CALL FOR PROPOSALS:

ORGANIZERS

  • Harvey Thorleifson, Chair
    Minnesota Geological Survey
  • Carrie Jennings, Vice Chair
    Minnesota Geological Survey
  • David Bush, Technical Program Chair
    University of West Georgia
  • Jim Miller, Field Trip Chair
    University of Minnesota Duluth
  • Curtis M. Hudak, Sponsorship Chair
    Foth Infrastructure & Environment, LLC

 

Paper No. 3
Presentation Time: 9:30 AM

A RECORD OF MINNESOTA SETTLEMENT HISTORY FROM RIVER LAKE


HART, Karoline H., Geology, Macalester College, 1600 Grand Ave, St. Paul, MN 55105 and BRADTMILLER, Louisa, Environmental Studies Department, Macalester College, 1600 Grand Avenue, Saint Paul, MN 55105, khart1@macalester.edu

The backwater River Lake in Dakota County, Minnesota shares a hydrological connection with the Mississippi river. River Lake is part of the Katherine Ordway Natural History Study Area, a research and environmental education site owned by Macalester College and located downstream from the Minneapolis – St Paul metropolitan area. This urban lake holds the potential to record changes in agricultural and industrial development, as well as evidence of waterway modification. Students in an intermediate-level Geology course at Macalester College collected sediment cores from River Lake in January 2011 with the help of LacCore staff. Students sampled the cores and performed a variety of analyses over the course of the semester as a class research project.

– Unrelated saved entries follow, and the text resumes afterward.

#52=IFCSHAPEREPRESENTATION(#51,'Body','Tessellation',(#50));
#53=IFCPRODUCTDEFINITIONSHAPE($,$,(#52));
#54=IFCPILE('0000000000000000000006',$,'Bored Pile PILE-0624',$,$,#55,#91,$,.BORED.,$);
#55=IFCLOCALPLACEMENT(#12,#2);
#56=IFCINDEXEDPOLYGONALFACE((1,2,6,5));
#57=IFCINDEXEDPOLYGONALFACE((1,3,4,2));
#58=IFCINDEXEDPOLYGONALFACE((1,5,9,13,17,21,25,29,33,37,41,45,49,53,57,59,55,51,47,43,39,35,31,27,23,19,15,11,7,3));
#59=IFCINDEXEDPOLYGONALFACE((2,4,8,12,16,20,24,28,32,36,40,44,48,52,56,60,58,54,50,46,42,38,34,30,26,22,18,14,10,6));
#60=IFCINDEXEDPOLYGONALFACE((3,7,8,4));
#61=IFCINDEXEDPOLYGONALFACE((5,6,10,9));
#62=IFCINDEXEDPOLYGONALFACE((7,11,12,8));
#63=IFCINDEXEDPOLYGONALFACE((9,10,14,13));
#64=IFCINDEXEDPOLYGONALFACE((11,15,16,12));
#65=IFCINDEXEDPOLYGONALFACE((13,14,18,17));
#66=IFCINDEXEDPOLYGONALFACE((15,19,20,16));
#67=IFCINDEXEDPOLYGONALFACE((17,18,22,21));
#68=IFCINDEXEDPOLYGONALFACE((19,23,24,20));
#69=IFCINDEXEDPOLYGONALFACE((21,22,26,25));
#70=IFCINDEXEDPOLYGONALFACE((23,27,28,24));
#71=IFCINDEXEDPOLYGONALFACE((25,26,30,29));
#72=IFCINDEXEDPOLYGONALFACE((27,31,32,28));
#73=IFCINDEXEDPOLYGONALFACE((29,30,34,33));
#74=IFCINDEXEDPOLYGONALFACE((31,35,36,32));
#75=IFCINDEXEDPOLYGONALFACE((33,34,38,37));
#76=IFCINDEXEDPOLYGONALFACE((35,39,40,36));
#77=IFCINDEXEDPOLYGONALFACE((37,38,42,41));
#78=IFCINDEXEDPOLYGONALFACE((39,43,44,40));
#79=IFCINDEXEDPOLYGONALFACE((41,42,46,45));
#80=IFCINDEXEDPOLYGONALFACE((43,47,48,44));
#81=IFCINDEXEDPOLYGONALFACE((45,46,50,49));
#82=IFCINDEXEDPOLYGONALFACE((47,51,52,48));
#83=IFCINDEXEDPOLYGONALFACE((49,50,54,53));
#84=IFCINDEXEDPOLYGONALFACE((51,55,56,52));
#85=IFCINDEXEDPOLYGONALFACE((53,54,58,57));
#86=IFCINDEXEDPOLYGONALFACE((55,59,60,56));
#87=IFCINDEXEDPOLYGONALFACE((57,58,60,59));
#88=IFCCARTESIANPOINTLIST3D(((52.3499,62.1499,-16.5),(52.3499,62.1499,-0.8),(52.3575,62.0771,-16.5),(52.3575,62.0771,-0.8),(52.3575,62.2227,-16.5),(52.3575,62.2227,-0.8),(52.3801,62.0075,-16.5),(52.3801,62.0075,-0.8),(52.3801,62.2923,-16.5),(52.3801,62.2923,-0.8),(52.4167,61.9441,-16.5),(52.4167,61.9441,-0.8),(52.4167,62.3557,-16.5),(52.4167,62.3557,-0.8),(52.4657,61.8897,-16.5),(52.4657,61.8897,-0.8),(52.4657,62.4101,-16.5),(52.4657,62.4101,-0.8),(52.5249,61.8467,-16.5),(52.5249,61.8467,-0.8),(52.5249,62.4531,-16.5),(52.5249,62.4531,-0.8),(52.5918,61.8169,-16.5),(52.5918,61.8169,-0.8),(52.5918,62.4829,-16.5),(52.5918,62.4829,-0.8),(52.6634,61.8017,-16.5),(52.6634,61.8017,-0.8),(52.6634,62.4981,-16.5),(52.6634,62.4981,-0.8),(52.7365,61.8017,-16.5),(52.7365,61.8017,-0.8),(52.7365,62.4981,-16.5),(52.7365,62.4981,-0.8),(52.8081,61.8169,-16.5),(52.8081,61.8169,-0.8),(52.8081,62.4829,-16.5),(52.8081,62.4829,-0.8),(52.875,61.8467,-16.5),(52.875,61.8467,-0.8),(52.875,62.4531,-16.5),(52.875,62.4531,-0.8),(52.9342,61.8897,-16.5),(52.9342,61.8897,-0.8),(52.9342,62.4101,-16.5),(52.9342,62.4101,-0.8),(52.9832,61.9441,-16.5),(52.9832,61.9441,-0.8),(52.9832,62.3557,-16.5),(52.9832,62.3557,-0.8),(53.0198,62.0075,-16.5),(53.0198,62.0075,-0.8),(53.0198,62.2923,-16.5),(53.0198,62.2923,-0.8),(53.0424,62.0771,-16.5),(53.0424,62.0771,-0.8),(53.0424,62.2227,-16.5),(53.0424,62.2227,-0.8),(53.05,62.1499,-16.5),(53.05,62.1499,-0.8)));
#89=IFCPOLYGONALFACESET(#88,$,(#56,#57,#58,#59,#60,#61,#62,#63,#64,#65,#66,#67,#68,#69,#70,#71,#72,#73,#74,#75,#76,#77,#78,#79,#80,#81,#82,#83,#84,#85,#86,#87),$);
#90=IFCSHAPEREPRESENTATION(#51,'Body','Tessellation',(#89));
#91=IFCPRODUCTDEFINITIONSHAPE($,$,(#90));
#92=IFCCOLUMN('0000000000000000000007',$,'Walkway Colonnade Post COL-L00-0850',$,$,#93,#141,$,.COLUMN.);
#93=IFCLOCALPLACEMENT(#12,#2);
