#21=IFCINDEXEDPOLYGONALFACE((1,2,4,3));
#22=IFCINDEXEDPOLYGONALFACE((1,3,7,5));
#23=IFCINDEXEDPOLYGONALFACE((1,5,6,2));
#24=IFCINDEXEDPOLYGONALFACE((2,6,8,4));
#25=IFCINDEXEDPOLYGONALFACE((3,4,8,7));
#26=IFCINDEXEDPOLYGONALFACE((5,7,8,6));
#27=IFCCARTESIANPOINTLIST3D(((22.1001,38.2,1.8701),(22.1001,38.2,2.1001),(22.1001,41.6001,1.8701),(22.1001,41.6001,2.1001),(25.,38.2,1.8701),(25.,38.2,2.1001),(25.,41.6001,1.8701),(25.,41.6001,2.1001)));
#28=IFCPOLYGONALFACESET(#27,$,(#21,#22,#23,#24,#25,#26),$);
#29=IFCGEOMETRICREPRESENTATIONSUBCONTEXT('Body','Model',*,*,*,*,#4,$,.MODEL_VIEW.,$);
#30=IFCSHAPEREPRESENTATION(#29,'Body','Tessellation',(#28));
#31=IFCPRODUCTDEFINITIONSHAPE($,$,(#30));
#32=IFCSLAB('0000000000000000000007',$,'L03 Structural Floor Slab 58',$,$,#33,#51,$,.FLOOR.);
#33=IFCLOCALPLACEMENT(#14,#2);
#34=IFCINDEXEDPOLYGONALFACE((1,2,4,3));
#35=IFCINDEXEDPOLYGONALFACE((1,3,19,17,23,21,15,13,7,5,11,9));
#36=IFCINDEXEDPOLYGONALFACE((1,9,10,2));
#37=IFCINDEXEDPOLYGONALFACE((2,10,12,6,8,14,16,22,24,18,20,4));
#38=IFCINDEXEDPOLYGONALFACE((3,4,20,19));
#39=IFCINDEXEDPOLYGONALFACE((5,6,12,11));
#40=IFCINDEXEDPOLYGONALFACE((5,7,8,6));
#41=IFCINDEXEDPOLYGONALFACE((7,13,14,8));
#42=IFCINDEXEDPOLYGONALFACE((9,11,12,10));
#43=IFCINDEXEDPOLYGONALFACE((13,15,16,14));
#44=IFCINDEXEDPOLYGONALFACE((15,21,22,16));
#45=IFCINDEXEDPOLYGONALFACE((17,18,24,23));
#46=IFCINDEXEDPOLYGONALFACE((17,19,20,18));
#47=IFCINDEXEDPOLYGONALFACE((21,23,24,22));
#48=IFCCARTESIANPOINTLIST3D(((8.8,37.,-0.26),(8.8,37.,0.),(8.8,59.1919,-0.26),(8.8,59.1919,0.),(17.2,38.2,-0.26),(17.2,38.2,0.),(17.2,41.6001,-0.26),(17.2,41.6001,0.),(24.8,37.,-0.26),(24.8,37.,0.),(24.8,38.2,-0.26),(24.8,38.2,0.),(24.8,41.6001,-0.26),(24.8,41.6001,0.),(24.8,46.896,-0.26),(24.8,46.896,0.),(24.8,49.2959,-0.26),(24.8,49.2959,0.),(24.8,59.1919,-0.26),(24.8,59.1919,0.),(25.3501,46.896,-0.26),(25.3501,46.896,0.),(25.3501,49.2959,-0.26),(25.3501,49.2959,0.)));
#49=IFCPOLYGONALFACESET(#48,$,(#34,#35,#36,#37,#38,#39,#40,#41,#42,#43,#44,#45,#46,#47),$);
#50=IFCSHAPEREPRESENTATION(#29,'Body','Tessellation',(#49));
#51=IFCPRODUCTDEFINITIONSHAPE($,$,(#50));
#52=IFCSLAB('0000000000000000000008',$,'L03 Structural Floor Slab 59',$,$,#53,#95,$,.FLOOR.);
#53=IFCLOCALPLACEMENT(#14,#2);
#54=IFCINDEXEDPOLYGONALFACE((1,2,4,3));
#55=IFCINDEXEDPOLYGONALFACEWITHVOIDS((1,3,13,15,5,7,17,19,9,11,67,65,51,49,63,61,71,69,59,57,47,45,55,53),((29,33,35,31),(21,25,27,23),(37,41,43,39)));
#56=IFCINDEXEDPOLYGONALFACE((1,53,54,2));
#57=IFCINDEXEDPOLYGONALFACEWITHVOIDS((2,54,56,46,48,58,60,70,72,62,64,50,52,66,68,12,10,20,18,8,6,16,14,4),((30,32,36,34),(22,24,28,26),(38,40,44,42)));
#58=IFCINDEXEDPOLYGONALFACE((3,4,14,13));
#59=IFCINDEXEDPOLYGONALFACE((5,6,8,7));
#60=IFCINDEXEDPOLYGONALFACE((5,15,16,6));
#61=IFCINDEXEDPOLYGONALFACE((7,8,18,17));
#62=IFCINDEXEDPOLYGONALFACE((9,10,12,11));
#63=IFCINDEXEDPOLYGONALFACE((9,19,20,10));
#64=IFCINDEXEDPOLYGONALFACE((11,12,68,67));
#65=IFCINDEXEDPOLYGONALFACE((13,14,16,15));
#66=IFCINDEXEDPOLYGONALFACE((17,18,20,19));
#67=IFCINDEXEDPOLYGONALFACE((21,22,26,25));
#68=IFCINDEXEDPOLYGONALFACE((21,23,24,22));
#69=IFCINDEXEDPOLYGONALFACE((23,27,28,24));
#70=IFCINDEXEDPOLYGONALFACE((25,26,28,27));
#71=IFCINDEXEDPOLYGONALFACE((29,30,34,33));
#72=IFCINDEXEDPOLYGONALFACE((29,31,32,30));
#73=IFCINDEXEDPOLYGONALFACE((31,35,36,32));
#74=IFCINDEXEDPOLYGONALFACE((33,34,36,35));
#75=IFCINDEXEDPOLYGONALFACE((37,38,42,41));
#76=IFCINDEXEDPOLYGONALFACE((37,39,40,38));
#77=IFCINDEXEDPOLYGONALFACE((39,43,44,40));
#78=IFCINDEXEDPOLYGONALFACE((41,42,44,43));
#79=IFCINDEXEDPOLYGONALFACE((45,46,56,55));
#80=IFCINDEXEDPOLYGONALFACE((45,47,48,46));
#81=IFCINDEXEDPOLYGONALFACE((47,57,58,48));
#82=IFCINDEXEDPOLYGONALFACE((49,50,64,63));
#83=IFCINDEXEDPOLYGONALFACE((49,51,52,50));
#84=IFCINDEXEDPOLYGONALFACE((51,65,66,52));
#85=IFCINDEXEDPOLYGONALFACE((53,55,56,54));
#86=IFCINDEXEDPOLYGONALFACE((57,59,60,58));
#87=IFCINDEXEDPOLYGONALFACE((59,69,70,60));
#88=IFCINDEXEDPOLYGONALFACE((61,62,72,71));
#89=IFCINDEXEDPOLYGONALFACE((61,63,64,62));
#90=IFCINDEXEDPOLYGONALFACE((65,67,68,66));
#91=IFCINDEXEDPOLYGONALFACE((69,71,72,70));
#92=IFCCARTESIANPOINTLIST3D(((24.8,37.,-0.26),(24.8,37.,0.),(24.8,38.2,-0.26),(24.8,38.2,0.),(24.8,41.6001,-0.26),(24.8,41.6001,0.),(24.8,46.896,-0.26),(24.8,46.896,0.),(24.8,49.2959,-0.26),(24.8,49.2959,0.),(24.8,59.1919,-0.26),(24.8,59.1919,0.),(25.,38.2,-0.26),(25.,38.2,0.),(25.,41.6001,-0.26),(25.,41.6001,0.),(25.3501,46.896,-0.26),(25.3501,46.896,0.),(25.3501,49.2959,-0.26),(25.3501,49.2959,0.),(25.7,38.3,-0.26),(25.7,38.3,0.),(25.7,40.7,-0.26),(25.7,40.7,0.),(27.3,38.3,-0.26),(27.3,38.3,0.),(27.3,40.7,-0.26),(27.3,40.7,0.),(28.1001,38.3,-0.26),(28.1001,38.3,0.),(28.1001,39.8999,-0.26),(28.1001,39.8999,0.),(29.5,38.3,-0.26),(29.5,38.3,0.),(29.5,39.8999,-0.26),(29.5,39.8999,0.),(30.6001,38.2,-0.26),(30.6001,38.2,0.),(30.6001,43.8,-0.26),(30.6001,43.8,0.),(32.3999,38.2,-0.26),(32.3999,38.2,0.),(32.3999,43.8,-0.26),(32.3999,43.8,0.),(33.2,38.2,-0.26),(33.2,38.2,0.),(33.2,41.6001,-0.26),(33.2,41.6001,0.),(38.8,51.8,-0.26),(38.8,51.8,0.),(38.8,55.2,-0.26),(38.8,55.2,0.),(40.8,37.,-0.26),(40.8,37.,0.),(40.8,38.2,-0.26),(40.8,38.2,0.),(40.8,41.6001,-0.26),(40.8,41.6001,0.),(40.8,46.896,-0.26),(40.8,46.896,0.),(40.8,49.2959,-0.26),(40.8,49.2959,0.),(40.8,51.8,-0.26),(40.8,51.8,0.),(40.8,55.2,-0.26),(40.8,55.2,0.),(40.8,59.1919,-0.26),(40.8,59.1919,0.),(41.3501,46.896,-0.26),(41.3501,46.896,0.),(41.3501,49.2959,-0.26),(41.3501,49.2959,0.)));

Loss on ignition analysis and magnetic susceptibility analysis were performed at high resolution on a 4.27 meter long core from River Lake. Evaluation of sediment size and composition and comparison to an existing core chronology from nearby Lake Pepin suggest that the core captures the major period of residential and agricultural development in the region, extending to pre-1830. Results were compared with historical records of industrial, agricultural, and waterway development of the northern Mississippi River. Seven sections of similar core composition and nine sections of similar magnetic susceptibility were defined and placed on a preliminary age model in an attempt to isolate records of specific historical events and anthropogenic developments.